A partire dalla riflessione di Günther Anders, per cui la definitiva affermazione del sistema capitalista, e del crescente dominio della tecnica, è totalmente incompatibile con le ragioni dell’umano e del vivente in generale, cominceremo a interrogarsi su come è mutata non solo la relazione dell’uomo con il suo ambiente, divenuto oggetto di una manipolazione illimitata, ma anche la relazione dell’uomo con sé stesso e il mondo da lui creato.
Che ne è infatti dell’essere umano di fronte all’«incapacità della nostra anima di rimanere al corrente con la nostra produzione, di muoverci anche noi con quella velocità di trasformazione che imprimiamo ai nostri prodotti, e di raggiungere i nostri congegni che sono scattati avanti nel futuro e che ci sono sfuggiti di mano» (Günther Anders)?

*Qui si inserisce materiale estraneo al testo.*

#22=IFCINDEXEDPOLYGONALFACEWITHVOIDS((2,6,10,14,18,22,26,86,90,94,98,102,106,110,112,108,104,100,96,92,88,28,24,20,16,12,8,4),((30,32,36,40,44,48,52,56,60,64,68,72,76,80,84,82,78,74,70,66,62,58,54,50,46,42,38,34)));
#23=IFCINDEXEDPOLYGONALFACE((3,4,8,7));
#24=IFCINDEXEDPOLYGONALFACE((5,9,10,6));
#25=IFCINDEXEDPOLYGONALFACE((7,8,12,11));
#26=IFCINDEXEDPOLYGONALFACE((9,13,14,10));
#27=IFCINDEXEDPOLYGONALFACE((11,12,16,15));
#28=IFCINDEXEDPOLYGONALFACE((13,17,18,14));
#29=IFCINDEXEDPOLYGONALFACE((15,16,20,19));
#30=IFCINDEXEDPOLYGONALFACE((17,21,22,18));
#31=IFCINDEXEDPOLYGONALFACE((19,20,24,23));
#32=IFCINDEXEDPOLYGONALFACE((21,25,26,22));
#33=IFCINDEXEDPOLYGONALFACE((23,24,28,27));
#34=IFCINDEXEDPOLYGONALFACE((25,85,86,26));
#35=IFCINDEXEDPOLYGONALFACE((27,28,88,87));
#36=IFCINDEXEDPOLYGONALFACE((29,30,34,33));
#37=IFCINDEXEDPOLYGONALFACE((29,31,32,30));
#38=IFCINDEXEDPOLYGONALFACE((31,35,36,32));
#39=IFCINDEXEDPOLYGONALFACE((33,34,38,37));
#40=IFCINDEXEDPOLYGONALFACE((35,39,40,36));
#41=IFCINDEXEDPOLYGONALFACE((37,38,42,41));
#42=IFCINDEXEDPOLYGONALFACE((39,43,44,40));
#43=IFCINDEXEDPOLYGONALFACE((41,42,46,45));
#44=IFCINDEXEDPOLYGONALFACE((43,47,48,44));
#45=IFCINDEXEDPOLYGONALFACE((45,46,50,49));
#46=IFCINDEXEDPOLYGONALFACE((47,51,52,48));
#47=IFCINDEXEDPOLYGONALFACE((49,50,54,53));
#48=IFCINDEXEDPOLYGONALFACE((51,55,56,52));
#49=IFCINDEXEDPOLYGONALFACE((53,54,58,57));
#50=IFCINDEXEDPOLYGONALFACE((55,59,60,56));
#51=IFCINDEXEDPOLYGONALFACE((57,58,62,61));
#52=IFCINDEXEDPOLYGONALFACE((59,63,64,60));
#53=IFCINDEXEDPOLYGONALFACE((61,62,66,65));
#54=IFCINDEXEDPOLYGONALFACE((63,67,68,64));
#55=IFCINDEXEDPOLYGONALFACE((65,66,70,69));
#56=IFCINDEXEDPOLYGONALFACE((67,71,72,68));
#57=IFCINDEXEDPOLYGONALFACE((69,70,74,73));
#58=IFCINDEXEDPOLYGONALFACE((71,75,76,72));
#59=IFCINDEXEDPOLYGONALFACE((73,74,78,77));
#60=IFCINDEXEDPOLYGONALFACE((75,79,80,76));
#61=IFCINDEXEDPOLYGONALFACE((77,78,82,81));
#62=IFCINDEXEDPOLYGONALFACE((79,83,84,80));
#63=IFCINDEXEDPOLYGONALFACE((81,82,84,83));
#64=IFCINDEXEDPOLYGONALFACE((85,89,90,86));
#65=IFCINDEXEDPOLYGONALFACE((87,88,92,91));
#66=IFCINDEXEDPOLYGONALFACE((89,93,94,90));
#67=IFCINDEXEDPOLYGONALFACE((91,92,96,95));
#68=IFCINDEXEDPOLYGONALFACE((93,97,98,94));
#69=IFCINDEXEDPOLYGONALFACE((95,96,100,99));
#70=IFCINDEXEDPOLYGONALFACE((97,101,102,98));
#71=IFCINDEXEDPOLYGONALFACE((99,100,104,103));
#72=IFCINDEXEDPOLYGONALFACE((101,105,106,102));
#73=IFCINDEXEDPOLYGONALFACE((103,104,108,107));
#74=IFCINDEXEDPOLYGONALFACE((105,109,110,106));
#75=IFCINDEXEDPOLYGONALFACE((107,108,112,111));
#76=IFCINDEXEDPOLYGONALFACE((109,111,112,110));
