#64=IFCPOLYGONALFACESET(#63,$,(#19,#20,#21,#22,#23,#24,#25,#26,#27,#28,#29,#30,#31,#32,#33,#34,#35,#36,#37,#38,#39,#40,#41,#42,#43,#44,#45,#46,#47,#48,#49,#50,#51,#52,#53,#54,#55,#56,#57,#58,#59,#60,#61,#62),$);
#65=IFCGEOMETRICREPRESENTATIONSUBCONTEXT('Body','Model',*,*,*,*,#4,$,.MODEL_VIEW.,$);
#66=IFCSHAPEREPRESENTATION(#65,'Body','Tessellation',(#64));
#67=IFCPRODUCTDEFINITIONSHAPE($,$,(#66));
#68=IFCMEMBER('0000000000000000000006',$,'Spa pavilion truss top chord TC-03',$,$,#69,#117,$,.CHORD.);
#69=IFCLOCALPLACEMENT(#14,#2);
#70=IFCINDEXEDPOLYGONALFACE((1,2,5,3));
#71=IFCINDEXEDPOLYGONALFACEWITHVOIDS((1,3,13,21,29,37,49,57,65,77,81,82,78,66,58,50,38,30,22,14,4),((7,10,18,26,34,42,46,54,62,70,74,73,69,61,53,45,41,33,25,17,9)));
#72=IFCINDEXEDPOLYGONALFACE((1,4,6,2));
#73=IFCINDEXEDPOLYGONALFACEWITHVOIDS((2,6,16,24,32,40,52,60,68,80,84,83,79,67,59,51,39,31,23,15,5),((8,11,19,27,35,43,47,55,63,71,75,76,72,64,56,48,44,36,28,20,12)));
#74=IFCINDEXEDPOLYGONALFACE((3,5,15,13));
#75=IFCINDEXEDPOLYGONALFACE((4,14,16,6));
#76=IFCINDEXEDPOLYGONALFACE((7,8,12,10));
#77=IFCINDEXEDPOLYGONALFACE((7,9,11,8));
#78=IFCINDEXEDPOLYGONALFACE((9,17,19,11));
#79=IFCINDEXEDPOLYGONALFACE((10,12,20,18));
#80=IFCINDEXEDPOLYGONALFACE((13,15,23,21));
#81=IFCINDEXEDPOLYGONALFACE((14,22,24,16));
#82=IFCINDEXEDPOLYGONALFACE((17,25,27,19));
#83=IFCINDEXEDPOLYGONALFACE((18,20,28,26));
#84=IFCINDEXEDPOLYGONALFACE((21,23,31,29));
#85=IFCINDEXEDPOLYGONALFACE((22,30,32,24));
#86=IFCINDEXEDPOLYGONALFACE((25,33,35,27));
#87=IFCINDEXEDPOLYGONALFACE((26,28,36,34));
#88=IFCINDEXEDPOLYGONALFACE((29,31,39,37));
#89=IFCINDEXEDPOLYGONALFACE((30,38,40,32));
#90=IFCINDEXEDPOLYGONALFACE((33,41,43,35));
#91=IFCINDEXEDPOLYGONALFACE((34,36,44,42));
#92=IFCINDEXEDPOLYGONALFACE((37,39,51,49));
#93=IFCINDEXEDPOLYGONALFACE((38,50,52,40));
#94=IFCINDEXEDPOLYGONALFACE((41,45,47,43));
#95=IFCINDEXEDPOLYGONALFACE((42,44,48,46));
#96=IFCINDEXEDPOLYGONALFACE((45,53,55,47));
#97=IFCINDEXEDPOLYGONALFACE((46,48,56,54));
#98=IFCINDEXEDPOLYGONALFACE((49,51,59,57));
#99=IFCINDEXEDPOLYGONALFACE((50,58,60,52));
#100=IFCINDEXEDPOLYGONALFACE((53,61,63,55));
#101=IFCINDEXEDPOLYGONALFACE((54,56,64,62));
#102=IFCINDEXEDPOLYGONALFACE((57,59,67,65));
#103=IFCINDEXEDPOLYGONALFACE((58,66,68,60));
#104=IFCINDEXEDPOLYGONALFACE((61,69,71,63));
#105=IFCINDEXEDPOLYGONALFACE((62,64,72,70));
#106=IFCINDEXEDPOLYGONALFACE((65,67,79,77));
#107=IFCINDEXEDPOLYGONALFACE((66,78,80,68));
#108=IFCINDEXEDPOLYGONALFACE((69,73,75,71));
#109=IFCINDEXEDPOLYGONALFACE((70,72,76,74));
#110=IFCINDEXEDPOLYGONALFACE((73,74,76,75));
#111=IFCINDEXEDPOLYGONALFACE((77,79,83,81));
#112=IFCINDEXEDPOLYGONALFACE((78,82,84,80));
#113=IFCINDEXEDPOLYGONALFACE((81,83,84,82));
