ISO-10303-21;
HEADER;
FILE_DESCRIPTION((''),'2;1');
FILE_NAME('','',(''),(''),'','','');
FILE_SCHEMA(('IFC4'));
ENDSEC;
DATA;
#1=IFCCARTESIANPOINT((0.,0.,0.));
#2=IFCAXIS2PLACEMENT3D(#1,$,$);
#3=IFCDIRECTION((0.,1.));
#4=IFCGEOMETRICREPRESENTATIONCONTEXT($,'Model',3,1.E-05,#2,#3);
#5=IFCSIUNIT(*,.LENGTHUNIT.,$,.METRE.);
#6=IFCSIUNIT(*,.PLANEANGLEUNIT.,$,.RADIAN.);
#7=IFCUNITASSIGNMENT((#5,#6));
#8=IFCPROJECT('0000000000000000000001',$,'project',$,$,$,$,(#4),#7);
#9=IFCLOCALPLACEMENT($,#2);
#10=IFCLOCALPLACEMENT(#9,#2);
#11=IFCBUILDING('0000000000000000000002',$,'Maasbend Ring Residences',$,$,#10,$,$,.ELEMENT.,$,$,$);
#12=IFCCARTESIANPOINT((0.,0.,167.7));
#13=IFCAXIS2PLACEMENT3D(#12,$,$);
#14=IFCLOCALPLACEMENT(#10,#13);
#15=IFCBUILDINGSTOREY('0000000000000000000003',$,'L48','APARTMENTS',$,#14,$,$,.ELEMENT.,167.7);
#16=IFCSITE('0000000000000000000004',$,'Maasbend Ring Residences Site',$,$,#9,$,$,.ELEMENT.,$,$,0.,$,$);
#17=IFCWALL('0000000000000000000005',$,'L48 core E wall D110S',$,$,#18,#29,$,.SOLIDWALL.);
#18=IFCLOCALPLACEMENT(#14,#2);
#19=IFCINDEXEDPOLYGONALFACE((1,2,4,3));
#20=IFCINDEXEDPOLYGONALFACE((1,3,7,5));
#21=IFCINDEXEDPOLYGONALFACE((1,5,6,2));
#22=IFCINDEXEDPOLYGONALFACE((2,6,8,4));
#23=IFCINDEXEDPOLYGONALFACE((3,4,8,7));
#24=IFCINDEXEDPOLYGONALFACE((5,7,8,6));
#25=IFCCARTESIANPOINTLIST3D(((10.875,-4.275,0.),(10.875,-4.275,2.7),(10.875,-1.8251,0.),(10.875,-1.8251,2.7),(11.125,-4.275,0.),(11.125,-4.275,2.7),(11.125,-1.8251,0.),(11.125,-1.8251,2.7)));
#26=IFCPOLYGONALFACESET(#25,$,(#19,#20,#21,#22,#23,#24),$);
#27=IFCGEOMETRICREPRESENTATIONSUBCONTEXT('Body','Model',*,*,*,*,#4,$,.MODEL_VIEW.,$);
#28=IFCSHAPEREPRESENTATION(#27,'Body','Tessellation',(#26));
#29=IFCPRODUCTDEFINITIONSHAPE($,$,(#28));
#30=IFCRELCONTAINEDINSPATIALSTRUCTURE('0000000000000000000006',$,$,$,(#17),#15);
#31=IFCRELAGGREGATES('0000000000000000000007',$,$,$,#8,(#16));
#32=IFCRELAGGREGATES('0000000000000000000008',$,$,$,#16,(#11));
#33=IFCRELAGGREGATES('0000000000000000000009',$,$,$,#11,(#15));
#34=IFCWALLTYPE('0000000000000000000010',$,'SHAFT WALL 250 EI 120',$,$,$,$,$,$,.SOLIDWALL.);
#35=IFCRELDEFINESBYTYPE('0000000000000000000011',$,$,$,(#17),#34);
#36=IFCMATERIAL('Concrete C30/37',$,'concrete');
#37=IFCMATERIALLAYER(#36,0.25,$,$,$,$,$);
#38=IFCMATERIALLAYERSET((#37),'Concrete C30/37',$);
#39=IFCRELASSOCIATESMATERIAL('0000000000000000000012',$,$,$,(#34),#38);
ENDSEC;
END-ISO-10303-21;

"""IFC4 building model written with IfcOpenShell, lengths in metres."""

from ifc_helpers import new_model, si_unit, direction, frame, frame_2d, origin, place, context, subcontext, project, spatial, rectangle, extrude, material, layer, layer_set, type_object, element, save


model = new_model("IFC4")

# Units and contexts
model_context = context("Model", 3, precision=1e-05, world=origin(), true_north=direction((0.0, 1.0)))
body_context = subcontext(model_context, "Body", "Model", "MODEL_VIEW")
ifc_project = project(units=[si_unit("LENGTHUNIT", "METRE"), si_unit("PLANEANGLEUNIT", "RADIAN")], contexts=[model_context])

# Site, building, storey
site_placement = place(None, origin())
site = spatial("IfcSite", under=ifc_project, at=site_placement, Name="Maasbend Ring Residences Site", CompositionType="ELEMENT", RefElevation=0.0)
building_placement = place(site_placement, origin())
building = spatial("IfcBuilding", under=site, at=building_placement, Name="Maasbend Ring Residences", CompositionType="ELEMENT")
storey_placement = place(building_placement, frame((0.0, 0.0, 167.7)))
storey = spatial("IfcBuildingStorey", under=building, at=storey_placement, Name="L48", Description="APARTMENTS", CompositionType="ELEMENT", Elevation=167.7)

# Wall
ifc_material_1 = material(Name="Concrete C30/37", Category="concrete")
ifc_layer_1 = layer(ifc_material_1, 0.25)
ifc_layer_set_1 = layer_set([ifc_layer_1], Name="Concrete C30/37")
wall_type_1 = type_object("IfcWallType", Name="SHAFT WALL 250 EI 120", PredefinedType="SOLIDWALL", material=ifc_layer_set_1)
wall_1_placement = place(storey_placement, frame((11.0, -1.825, 0.0), z_axis=(0.0, 0.0, 1.0), x_axis=(0.0, -1.0, 0.0)))
element("IfcWall", 1, at=wall_1_placement, inside=storey, type_object=wall_type_1, Name="L48 core E wall D110S", PredefinedType="SOLIDWALL", context=body_context, shape_type="SweptSolid", body=[
    extrude(rectangle(XDim=2.45, YDim=0.25, at=frame_2d((1.2251, 0.0))), origin(), (0.0, 0.0, 1.0), 2.7),
])

save(model, "model.ifc")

Che posizione è possibile prendere di fronte alla «asincronizzazione ogni giorno crescente tra l’uomo e il mondo dei suoi prodotti», a quella progressiva discrepanza per cui l’uomo, non più in grado di tenere il passo della «tecnicizzazione dell’esistenza», è diventato «antiquato», se non addirittura superfluo?

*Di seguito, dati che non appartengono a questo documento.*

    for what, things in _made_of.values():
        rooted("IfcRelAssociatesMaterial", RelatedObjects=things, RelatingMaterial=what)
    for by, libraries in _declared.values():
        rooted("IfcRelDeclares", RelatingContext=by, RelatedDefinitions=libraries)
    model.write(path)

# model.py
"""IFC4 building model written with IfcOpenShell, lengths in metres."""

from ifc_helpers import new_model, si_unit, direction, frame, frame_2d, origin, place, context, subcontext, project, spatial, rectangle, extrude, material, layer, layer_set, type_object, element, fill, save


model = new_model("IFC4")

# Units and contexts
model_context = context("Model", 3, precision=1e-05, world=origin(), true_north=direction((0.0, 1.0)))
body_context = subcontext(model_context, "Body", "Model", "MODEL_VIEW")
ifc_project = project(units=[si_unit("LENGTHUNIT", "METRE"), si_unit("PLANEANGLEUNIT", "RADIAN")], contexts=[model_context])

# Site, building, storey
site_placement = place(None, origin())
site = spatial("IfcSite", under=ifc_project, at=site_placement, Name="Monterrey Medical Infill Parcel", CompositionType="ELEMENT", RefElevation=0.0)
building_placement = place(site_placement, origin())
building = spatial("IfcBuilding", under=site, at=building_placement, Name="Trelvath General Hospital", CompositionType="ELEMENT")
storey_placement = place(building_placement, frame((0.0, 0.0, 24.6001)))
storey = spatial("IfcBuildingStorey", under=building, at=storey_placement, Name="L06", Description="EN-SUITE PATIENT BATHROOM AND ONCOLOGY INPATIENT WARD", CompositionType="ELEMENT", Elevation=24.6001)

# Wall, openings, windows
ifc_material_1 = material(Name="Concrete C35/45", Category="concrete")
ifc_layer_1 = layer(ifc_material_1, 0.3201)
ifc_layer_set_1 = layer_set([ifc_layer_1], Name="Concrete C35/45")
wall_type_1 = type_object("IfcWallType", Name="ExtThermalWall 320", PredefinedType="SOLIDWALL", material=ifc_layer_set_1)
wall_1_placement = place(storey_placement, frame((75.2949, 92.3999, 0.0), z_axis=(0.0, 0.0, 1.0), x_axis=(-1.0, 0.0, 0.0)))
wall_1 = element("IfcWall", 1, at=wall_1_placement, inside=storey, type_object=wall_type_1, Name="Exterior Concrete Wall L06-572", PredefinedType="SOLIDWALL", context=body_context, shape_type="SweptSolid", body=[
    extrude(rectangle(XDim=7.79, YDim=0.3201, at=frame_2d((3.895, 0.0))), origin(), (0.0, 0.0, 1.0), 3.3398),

Insieme a Massimo Cappitti proveremo, per essere all’altezza di questo mutamento antropologico, a interrogarci su quali strumenti interpretativi e apparati concettuali possiamo disporre per ripensare e «riflettere quali nuovi tipi di rivoluzione devono essere inventati e inaugurati».
1. Dal «totalitarismo morbido» del nuovo capitalismo…
Cosa plasma la soggettività dell’essere umano a partire dalla nuova fase – a metà del ‘900 – della società capitalista, che Günther Anders definisce del «totalitarismo morbido»?
Con l’affermarsi di un mondo che non è più a misura umana forse è necessario apprendere la lezione di Günther Anders, una posizione di etica personale: quella di avere il coraggio di fissare lo sguardo sul “negativo”, sull’orrore del presente, anche e forse soprattutto se il nostro presente, per Massimo Cappitti, non è più quello del suo tempo.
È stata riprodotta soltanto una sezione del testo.